2:20 PM: Start of 2nd Half
- I'm an idiot; I forgot all about Jon Jerome to take draws. He actually won the second half opening face-off. So good for him, not being mentioned on this blog worked in his favor. Now he's fucked.
- Keys for Second Half: Not sucking ass on defense; lots and lots and lots of shots on Schwartzmann.
- Colcuccini has apparently ditched the sweatpants for a pair of shorts. Obvisously, it was his pantswear that ruined his goaltending effort in the first half. Not the fact that he was abysmal in the cage.
2:25 PM: 9-3 Hopkins
- Goal - Jake Byrne.
- Colcuccini's shorts wiffed on the save. That's a shame.

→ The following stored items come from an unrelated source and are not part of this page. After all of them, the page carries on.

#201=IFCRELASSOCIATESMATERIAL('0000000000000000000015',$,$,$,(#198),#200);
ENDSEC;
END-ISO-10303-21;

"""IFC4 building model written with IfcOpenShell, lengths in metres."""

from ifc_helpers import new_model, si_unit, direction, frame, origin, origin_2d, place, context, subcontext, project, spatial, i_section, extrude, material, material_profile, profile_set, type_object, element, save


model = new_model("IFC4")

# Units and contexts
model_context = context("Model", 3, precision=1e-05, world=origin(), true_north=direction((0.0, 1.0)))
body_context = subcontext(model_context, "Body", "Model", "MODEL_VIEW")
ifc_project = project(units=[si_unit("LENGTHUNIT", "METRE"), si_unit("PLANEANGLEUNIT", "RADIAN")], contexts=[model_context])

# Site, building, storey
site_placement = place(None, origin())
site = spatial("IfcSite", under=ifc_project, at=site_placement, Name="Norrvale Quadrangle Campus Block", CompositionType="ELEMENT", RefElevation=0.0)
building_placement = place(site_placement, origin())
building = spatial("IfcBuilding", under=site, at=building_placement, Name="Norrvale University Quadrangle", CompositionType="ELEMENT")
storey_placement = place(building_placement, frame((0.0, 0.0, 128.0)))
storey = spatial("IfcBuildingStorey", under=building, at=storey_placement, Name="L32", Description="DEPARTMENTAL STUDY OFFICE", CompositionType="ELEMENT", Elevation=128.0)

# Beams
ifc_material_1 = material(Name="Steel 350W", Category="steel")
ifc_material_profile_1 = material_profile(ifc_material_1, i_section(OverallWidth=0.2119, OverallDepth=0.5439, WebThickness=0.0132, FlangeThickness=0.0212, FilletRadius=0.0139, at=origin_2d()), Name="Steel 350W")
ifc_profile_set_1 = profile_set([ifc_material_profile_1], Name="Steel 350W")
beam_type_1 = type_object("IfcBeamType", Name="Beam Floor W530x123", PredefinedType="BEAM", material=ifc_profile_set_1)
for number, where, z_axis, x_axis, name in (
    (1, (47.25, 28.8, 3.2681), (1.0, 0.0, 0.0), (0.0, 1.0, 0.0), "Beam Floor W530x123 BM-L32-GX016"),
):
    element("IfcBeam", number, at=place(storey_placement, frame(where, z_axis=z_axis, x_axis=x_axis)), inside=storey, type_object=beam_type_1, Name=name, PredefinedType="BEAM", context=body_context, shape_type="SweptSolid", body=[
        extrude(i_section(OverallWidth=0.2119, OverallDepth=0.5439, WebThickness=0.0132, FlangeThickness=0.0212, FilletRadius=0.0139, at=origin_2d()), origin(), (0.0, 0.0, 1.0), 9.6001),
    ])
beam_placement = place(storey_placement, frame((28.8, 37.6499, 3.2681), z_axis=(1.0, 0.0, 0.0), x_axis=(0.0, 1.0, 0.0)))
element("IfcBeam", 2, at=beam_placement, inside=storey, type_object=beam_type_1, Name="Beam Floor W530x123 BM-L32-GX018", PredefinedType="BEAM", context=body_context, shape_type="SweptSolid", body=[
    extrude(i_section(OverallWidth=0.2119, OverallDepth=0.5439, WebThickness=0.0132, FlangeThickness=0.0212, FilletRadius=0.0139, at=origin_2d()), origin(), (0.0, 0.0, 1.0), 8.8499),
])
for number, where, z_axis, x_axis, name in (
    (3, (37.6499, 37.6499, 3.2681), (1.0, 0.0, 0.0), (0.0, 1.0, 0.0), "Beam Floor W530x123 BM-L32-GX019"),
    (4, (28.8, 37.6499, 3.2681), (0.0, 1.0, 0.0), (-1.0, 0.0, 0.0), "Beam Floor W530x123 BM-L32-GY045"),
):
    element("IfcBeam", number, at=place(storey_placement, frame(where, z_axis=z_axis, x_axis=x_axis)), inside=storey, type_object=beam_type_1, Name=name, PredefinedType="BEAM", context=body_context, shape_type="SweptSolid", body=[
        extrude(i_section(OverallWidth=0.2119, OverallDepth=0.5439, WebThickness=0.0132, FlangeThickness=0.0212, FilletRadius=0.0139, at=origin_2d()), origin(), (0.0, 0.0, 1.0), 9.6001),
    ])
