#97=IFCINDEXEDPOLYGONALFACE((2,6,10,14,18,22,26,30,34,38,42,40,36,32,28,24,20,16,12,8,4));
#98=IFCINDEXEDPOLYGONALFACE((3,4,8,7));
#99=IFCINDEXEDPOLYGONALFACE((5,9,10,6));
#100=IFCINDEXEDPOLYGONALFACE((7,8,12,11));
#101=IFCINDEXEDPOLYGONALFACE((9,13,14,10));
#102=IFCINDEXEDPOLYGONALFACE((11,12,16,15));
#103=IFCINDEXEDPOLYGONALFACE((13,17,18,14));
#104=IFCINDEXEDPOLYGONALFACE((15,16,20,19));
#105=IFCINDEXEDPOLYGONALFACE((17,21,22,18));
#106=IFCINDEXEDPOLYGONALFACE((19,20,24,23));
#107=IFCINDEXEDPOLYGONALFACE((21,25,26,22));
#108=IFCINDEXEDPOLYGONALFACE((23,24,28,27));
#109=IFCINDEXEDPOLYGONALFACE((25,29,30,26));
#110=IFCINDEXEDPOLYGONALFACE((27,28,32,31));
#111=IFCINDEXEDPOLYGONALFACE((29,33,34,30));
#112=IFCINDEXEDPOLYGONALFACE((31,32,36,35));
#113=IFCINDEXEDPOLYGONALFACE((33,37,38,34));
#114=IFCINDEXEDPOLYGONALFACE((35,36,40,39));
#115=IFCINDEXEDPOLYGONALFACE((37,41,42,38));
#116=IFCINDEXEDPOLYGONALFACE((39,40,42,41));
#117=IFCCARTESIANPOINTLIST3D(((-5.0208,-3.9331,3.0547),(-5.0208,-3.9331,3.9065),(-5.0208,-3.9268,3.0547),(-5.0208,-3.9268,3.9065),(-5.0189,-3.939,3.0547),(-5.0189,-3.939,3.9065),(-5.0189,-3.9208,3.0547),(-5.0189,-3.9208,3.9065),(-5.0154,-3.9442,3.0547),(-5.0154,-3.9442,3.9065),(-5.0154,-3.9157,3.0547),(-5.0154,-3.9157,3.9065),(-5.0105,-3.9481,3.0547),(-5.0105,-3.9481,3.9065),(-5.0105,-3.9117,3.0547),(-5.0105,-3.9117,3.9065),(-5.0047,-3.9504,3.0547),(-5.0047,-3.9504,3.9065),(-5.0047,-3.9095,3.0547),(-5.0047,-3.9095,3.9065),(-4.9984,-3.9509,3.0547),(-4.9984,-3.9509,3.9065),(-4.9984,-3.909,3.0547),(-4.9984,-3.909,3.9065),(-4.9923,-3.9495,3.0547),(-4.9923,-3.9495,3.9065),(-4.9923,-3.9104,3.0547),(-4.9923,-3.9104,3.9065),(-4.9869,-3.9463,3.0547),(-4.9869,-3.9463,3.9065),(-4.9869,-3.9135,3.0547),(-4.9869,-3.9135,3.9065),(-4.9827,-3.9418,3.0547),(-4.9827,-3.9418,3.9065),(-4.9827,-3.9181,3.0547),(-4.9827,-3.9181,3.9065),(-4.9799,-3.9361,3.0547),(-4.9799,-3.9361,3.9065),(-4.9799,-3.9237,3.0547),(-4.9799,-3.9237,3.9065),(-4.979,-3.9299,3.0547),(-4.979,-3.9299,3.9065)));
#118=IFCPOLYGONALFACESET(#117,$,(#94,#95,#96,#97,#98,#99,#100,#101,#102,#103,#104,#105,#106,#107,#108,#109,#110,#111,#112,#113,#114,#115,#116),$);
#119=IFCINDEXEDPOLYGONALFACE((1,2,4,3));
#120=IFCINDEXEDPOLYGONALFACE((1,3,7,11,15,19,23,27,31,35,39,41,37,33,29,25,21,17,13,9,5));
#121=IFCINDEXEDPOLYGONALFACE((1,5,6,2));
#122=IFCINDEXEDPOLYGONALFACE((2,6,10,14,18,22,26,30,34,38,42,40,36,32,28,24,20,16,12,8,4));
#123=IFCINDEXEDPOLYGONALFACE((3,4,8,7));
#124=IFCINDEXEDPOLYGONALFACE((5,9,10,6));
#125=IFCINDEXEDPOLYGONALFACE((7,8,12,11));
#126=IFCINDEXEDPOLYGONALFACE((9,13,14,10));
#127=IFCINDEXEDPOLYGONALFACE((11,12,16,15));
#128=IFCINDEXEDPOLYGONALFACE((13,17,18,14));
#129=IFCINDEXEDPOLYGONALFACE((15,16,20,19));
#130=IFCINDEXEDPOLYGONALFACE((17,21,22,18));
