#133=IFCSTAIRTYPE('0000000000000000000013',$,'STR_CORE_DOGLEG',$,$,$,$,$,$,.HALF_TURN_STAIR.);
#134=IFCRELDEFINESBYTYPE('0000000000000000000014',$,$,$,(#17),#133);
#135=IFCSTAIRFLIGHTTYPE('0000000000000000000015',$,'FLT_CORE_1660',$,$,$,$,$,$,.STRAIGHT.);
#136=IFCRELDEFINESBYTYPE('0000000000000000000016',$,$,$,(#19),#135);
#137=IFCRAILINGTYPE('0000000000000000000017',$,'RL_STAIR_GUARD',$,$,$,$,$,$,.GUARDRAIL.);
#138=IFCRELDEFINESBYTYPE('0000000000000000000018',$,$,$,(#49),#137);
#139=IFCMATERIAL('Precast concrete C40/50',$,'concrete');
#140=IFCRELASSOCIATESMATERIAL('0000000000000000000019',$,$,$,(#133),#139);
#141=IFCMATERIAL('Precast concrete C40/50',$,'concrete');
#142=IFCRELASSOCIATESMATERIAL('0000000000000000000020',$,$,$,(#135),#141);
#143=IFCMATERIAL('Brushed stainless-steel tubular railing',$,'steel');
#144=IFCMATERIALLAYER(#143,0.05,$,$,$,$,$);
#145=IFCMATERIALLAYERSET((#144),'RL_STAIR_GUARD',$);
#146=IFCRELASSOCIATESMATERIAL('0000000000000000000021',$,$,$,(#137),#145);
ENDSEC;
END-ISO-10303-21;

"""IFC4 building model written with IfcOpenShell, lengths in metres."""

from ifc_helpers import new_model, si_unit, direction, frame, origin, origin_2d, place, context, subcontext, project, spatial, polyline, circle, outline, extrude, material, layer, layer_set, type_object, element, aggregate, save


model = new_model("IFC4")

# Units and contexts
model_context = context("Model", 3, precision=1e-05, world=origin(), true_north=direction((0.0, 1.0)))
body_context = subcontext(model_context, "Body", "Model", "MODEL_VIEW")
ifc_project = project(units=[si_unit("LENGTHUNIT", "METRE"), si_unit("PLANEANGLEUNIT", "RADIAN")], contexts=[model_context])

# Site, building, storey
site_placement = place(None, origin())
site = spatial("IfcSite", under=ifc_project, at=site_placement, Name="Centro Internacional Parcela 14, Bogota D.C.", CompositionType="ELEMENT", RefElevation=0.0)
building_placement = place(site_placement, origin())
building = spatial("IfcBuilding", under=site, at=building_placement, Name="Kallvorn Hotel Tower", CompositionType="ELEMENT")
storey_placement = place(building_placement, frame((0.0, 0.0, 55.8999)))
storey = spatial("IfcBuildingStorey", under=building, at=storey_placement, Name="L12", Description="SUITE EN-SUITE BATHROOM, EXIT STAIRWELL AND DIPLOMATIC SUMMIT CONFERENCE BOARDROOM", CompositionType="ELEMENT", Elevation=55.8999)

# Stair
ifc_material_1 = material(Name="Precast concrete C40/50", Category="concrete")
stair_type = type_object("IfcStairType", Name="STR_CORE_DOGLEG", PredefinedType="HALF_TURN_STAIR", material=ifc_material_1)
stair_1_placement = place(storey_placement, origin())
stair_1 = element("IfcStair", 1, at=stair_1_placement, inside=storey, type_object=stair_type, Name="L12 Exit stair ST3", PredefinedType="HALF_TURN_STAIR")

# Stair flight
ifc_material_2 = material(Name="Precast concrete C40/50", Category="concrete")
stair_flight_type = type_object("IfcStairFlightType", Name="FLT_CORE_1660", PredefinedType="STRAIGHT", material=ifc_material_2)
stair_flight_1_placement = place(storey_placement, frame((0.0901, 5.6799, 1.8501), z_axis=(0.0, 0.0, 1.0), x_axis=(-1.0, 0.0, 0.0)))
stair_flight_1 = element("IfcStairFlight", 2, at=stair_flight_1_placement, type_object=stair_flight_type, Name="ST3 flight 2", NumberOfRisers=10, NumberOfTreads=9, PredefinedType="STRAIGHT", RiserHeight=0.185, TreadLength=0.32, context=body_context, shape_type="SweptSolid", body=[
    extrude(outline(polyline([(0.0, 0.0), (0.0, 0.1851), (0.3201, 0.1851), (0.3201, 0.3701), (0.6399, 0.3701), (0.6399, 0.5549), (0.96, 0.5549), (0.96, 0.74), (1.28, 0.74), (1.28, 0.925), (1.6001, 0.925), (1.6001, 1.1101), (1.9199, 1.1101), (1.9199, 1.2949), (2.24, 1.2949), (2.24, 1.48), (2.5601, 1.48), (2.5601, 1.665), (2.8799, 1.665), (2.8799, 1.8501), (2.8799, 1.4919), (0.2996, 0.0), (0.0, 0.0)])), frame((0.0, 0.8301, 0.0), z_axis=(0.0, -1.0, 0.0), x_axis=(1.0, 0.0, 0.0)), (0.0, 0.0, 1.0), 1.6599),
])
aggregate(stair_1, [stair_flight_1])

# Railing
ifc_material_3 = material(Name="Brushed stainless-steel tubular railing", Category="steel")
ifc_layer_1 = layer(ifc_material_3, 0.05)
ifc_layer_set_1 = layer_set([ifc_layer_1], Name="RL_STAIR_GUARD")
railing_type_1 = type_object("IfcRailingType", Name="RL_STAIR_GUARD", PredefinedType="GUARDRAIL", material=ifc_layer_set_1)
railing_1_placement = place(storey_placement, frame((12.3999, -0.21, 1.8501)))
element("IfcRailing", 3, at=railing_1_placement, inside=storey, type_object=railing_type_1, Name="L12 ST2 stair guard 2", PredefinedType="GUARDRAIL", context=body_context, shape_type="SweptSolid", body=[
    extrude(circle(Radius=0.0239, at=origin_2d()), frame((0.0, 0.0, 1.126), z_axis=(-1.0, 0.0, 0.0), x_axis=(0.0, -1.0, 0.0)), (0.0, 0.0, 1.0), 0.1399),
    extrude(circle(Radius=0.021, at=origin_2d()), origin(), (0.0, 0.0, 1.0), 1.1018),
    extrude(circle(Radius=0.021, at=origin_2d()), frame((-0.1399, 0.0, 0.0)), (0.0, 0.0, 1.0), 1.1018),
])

- Hopkins agains capitalizes on a failed Syracuse clear. Sloppiness is going to be the death of this team.
2:28 PM: 10-3 Hopkins
- Goal - Some guy. At this point, there aren't very many Hopkins players that haven't scored yet.
- Hopkins broadcaster says that the Syracuse jersey looks like the General Lee, once again emphasizing that despite being a leader in the field of medicine, Johns Hopkins can find no cure for being a dumbass.
2:35 PM: 10-4 Hopkins
- Goal - Mike Leveille. Assist to Joe Yevoli.
- Hopkins is turning up the pressure by just carving up the Syracuse defense. The Blue Jays' midfield lines look like the old Princeton midfielders -- pacing play, dodging artfully, distributing well, and generally staying out of trouble. Syracuse's midfield lines, conversely, look like a bunch of kids who sniff too much paint thinner.
2:40 PM: 10-5 Hopkins
- Goal - Mike Leveille (3rd of the day)
- Leveille starting to get open in the heart of the Hopkins attack. Syracuse just ran a nice pick play with Nims and Leveille to get Leveille the tally. Hopefully more of this will continue. It probably won't, but it would still be nice.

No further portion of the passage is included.